Room: Exhibit Hall | Forum 4
Purpose: To develop a Monte Carlo (MC) simulation model for the passive double scattering compact Mevion S250 proton therapy system based on limited information of the mechanical components.
Methods: We have designed a virtual passive double scattering proton machine for Monte Carlo simulations. The model includes all major beam modifying/shaping components that interact with the proton beam along the beam path. The field shaping system (FSS) was constructed based on the machine configuration data and the individual components (range modulation wheels (RMWs), absorbers, first and second scatterers) are tuned numerically, to generate proton beams which agree with the measurement data as closely as possible.
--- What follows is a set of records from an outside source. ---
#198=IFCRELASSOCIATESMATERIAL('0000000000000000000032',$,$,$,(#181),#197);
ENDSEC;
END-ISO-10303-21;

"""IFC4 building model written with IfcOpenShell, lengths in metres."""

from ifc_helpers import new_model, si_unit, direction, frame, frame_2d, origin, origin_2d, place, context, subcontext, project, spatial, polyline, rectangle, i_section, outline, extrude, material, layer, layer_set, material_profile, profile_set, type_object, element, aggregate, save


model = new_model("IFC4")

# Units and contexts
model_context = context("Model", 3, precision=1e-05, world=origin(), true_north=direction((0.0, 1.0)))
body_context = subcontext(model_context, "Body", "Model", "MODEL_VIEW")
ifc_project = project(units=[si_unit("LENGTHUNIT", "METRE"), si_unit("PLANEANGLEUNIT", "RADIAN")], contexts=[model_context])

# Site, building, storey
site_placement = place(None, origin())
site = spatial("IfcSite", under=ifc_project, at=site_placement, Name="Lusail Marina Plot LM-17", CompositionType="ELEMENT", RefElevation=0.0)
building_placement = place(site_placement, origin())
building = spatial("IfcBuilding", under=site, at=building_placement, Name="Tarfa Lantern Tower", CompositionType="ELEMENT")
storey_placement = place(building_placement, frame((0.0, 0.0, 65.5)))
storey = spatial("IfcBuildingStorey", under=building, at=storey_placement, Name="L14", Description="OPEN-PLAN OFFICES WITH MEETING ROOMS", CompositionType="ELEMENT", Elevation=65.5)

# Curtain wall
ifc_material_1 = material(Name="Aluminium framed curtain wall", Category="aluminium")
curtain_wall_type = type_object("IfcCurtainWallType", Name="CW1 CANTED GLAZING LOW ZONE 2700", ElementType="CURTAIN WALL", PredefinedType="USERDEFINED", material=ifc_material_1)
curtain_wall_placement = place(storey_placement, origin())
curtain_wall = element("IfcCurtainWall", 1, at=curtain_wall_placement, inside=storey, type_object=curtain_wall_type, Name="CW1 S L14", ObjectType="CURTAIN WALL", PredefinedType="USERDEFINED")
Specifically, the pristine Bragg curves were used to derive the thickness of the thinnest step of the wheel. For each beam option (24 total in the Mevion S250 system), a full modulation was used to guide the design of the RMWs. The validation of the RMW design was carried out by comparing the measured spread out Bragg peaks (SOBPs) of other modulations besides the full modulation with the MC calculations. The model was validated by comparing percent depth dose curves, SOBPs and lateral profiles against measured beam data.
Results: The agreement of beam range (90% depth) between the MC calculation and measurement was within 1 mm for all beam options. The distal-falloff length was in good agreement as well. Agreement to within 2.5 mm of measured SOBP widths was obtained for all MC calculations.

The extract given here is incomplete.